# Large mysterious gas bubbles coming out of substrate.



## awohld (Dec 11, 2005)

I'm using several inches of Turface MVP Pro for my substrate. I've had the tank up for 4 or 5 months, had fish for two months, and plants for 2 weeks.

Lately, last week, I've noticed large gas bubbles erupting out of the substrate that are about as big as a 1/2 tsp of air.

Does anyone else have this? Any idea what this gas is?


----------



## Riba (Feb 9, 2006)

Does it smell like rotten eggs? Then it might be (the undesirable) Hydrogen sulfide gas.


----------



## yildirim (Nov 25, 2004)

or else it could be the cumulated o2 from the pruned roots of some plants, esp echin' types, just like the pearling from the leafs but this time from the tips of the roots, unless it is not as riba mentioned caused by anaerobic pockets.


----------



## trenac (Jul 16, 2004)

Malaysian Trumpet snail (Melanoides tuberculata) will help keep the substrate turned over preventing it from becoming anaerobic.


----------



## Bert H (Mar 2, 2004)

How deep is your substrate? Without mts a deeper gravel is more likely to get some H2S gas forming.


----------



## trilinearmipmap (Mar 8, 2005)

Or Nitrogen gas, same as nitrogen gas bubble formed in saltwater deep sand bed systems, there is a lot written about this on the saltwater boards.
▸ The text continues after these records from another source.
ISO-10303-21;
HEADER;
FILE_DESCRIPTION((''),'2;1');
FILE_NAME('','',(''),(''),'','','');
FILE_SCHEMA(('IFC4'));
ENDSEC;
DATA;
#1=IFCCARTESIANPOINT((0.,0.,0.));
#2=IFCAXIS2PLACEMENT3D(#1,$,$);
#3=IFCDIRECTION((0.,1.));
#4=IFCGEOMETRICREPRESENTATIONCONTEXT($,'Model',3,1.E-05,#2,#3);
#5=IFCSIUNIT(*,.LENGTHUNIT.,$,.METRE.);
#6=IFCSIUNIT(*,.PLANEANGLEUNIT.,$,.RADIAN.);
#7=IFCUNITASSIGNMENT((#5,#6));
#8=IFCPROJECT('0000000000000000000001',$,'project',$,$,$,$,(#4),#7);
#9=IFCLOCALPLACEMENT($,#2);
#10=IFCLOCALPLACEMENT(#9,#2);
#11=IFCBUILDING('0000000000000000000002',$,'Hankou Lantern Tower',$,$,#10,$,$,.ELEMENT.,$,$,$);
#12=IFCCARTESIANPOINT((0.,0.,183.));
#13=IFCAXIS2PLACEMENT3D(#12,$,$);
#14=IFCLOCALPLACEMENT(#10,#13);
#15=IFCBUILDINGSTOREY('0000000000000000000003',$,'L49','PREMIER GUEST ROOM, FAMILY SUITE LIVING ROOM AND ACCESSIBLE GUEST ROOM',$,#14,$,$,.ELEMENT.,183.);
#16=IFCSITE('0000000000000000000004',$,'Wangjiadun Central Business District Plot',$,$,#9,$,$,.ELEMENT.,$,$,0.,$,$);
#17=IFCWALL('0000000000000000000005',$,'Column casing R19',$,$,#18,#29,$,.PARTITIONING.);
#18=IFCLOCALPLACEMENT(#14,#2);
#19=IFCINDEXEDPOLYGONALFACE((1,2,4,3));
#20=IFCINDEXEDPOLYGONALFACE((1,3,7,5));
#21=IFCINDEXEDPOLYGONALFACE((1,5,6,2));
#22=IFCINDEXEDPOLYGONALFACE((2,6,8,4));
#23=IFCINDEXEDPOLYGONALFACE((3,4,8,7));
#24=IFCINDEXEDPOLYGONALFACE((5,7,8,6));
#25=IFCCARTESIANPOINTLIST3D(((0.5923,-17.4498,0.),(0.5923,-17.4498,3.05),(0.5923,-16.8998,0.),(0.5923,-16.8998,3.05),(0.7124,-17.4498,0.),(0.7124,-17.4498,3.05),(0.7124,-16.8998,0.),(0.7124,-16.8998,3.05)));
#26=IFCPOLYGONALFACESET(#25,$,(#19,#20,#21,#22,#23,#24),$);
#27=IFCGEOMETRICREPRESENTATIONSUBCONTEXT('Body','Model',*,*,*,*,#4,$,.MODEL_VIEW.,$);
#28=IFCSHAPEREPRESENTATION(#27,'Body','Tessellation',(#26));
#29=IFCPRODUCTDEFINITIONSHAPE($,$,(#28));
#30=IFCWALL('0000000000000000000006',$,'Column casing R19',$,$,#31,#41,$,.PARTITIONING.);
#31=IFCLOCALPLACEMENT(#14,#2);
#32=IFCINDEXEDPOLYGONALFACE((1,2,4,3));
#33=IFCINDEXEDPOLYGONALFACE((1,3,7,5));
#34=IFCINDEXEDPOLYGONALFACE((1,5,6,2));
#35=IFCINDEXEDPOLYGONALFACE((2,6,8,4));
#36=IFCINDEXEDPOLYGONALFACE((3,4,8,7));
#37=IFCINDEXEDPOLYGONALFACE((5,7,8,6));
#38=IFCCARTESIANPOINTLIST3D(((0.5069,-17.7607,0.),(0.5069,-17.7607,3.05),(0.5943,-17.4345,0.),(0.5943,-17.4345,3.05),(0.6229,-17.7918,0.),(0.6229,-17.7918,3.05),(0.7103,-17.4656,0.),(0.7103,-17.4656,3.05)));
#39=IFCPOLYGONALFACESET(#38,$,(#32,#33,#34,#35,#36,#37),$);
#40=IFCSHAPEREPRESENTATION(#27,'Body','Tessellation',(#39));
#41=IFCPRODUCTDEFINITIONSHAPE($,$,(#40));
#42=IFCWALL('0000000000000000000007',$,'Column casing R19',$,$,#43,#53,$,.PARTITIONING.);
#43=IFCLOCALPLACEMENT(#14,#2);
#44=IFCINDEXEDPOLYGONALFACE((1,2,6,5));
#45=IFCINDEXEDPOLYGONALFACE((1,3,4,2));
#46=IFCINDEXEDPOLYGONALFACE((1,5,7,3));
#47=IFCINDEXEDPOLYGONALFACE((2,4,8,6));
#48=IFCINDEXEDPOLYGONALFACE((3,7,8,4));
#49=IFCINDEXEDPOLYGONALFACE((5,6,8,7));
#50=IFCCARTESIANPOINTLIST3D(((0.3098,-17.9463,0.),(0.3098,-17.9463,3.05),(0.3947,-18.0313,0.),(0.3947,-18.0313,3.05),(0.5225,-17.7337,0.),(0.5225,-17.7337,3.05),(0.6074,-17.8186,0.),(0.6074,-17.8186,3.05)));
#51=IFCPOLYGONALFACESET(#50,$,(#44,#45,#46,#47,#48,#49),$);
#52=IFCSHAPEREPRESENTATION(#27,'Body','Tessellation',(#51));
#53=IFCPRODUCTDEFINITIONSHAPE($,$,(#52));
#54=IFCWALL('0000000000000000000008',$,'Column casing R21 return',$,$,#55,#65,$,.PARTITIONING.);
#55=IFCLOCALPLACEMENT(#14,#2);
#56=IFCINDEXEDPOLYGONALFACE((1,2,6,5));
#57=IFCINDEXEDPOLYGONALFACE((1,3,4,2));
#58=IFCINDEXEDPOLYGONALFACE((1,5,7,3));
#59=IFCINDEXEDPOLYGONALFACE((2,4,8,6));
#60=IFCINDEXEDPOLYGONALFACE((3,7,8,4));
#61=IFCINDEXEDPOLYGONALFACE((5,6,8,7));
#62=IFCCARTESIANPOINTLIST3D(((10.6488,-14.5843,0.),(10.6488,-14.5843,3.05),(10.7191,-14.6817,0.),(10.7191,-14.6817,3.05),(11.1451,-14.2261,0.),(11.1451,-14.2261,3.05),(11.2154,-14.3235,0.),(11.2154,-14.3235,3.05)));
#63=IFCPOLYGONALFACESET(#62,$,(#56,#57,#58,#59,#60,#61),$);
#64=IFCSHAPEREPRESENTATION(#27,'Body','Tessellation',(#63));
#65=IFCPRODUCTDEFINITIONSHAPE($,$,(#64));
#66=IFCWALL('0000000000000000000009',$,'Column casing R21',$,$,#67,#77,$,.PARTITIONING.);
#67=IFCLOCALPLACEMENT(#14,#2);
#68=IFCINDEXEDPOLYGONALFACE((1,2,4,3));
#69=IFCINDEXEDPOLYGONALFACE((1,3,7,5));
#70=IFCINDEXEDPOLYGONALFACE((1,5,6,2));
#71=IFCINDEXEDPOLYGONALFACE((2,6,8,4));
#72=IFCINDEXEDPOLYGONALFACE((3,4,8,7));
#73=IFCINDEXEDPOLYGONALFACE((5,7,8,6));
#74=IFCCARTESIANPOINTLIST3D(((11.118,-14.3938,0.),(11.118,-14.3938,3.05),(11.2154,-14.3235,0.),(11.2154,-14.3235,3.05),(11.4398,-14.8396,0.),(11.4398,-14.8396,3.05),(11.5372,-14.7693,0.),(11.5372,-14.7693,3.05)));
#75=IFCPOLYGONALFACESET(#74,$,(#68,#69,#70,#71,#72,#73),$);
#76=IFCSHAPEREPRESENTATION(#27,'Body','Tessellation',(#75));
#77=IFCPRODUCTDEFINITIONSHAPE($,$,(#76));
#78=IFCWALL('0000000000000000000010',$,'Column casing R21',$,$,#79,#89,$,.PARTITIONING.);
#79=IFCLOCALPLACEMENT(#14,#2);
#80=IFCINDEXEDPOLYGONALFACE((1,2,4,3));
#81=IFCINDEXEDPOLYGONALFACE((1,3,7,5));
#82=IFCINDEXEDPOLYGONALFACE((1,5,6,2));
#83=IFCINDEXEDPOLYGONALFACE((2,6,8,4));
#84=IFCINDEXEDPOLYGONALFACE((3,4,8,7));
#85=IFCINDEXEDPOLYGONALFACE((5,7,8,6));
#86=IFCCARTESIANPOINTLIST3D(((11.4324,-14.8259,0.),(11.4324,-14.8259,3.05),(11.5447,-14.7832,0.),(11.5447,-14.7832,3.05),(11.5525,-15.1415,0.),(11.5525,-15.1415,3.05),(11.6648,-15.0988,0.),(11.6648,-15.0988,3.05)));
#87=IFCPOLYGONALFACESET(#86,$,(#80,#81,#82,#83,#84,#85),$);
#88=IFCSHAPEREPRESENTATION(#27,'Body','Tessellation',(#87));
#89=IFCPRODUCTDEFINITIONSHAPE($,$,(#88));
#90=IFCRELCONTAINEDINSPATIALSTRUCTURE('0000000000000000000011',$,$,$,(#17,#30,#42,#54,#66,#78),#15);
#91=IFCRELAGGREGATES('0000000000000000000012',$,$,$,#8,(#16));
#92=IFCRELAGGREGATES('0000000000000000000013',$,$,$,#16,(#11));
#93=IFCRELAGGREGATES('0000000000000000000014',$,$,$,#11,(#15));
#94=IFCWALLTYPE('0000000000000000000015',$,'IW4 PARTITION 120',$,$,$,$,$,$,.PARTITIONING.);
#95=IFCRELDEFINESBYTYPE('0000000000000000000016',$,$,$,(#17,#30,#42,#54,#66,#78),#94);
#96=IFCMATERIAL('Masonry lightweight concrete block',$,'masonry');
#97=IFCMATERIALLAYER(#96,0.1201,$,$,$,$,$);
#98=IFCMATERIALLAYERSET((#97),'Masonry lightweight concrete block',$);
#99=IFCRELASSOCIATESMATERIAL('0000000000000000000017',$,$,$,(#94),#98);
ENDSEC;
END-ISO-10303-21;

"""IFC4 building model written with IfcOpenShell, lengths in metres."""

from ifc_helpers import new_model, si_unit, direction, frame, frame_2d, origin, place, context, subcontext, project, spatial, rectangle, extrude, material, layer, layer_set, type_object, element, save


model = new_model("IFC4")

# Units and contexts
model_context = context("Model", 3, precision=1e-05, world=origin(), true_north=direction((0.0, 1.0)))
body_context = subcontext(model_context, "Body", "Model", "MODEL_VIEW")
ifc_project = project(units=[si_unit("LENGTHUNIT", "METRE"), si_unit("PLANEANGLEUNIT", "RADIAN")], contexts=[model_context])

# Site, building, storey
site_placement = place(None, origin())
site = spatial("IfcSite", under=ifc_project, at=site_placement, Name="Wangjiadun Central Business District Plot", CompositionType="ELEMENT", RefElevation=0.0)
building_placement = place(site_placement, origin())
building = spatial("IfcBuilding", under=site, at=building_placement, Name="Hankou Lantern Tower", CompositionType="ELEMENT")
storey_placement = place(building_placement, frame((0.0, 0.0, 183.0)))
storey = spatial("IfcBuildingStorey", under=building, at=storey_placement, Name="L49", Description="PREMIER GUEST ROOM, FAMILY SUITE LIVING ROOM AND ACCESSIBLE GUEST ROOM", CompositionType="ELEMENT", Elevation=183.0)

# Walls
ifc_material_1 = material(Name="Masonry lightweight concrete block", Category="masonry")
ifc_layer_1 = layer(ifc_material_1, 0.1201)
ifc_layer_set_1 = layer_set([ifc_layer_1], Name="Masonry lightweight concrete block")
wall_type_1 = type_object("IfcWallType", Name="IW4 PARTITION 120", PredefinedType="PARTITIONING", material=ifc_layer_set_1)
wall_1_placement = place(storey_placement, frame((0.6523, -16.8999, 0.0), z_axis=(0.0, 0.0, 1.0), x_axis=(0.0, -1.0, 0.0)))
element("IfcWall", 1, at=wall_1_placement, inside=storey, type_object=wall_type_1, Name="Column casing R19", PredefinedType="PARTITIONING", context=body_context, shape_type="SweptSolid", body=[
    extrude(rectangle(XDim=0.55, YDim=0.1201, at=frame_2d((0.2749, 0.0))), origin(), (0.0, 0.0, 1.0), 3.05),
])
wall_2_placement = place(storey_placement, frame((0.6523, -17.45, 0.0), z_axis=(0.0, 0.0, 1.0), x_axis=(-0.258832, -0.965922, 0.0)))
element("IfcWall", 2, at=wall_2_placement, inside=storey, type_object=wall_type_1, Name="Column casing R19", PredefinedType="PARTITIONING", context=body_context, shape_type="SweptSolid", body=[
    extrude(rectangle(XDim=0.3376, YDim=0.1201, at=frame_2d((0.1689, 0.0))), origin(), (0.0, 0.0, 1.0), 3.05),
])
wall_3_placement = place(storey_placement, frame((0.5649, -17.7761, 0.0), z_axis=(0.0, 0.0, 1.0), x_axis=(-0.707107, -0.707107, 0.0)))
element("IfcWall", 3, at=wall_3_placement, inside=storey, type_object=wall_type_1, Name="Column casing R19", PredefinedType="PARTITIONING", context=body_context, shape_type="SweptSolid", body=[
    extrude(rectangle(XDim=0.3008, YDim=0.1201, at=frame_2d((0.1504, 0.0))), origin(), (0.0, 0.0, 1.0), 3.05),
])
wall_4_placement = place(storey_placement, frame((10.6838, -14.6331, 0.0), z_axis=(0.0, 0.0, 1.0), x_axis=(0.810921, 0.585156, 0.0)))
element("IfcWall", 4, at=wall_4_placement, inside=storey, type_object=wall_type_1, Name="Column casing R21 return", PredefinedType="PARTITIONING", context=body_context, shape_type="SweptSolid", body=[
    extrude(rectangle(XDim=0.6121, YDim=0.1201, at=frame_2d((0.3062, 0.0))), origin(), (0.0, 0.0, 1.0), 3.05),
])
wall_5_placement = place(storey_placement, frame((11.1667, -14.3586, 0.0), z_axis=(0.0, 0.0, 1.0), x_axis=(0.585264, -0.810843, 0.0)))
element("IfcWall", 5, at=wall_5_placement, inside=storey, type_object=wall_type_1, Name="Column casing R21", PredefinedType="PARTITIONING", context=body_context, shape_type="SweptSolid", body=[
    extrude(rectangle(XDim=0.5498, YDim=0.1201, at=frame_2d((0.2749, 0.0))), origin(), (0.0, 0.0, 1.0), 3.05),
])
wall_6_placement = place(storey_placement, frame((11.4885, -14.8044, 0.0), z_axis=(0.0, 0.0, 1.0), x_axis=(0.355635, -0.934625, 0.0)))
element("IfcWall", 6, at=wall_6_placement, inside=storey, type_object=wall_type_1, Name="Column casing R21", PredefinedType="PARTITIONING", context=body_context, shape_type="SweptSolid", body=[
    extrude(rectangle(XDim=0.3376, YDim=0.1201, at=frame_2d((0.1689, 0.0))), origin(), (0.0, 0.0, 1.0), 3.05),
])

save(model, "model.ifc")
You could trap a sample of the gas in an inverted glass container, then test it using the match test.


----------



## snowy (Jun 6, 2006)

awohld, you need to give more information about your setup.

Is there anything mixed with the Turface? Exactly how many inches is "several"?
Are you using CO2 or doing any regular dosing of ferts?
How are the recently added plants doing - are they growing well, or not at all? Are any going brown or floating out of the substrate?

You say the tank has been filled for a few months and fish for several weeks, but plants added only recently. This suggests two possible sources of the gas bubbles.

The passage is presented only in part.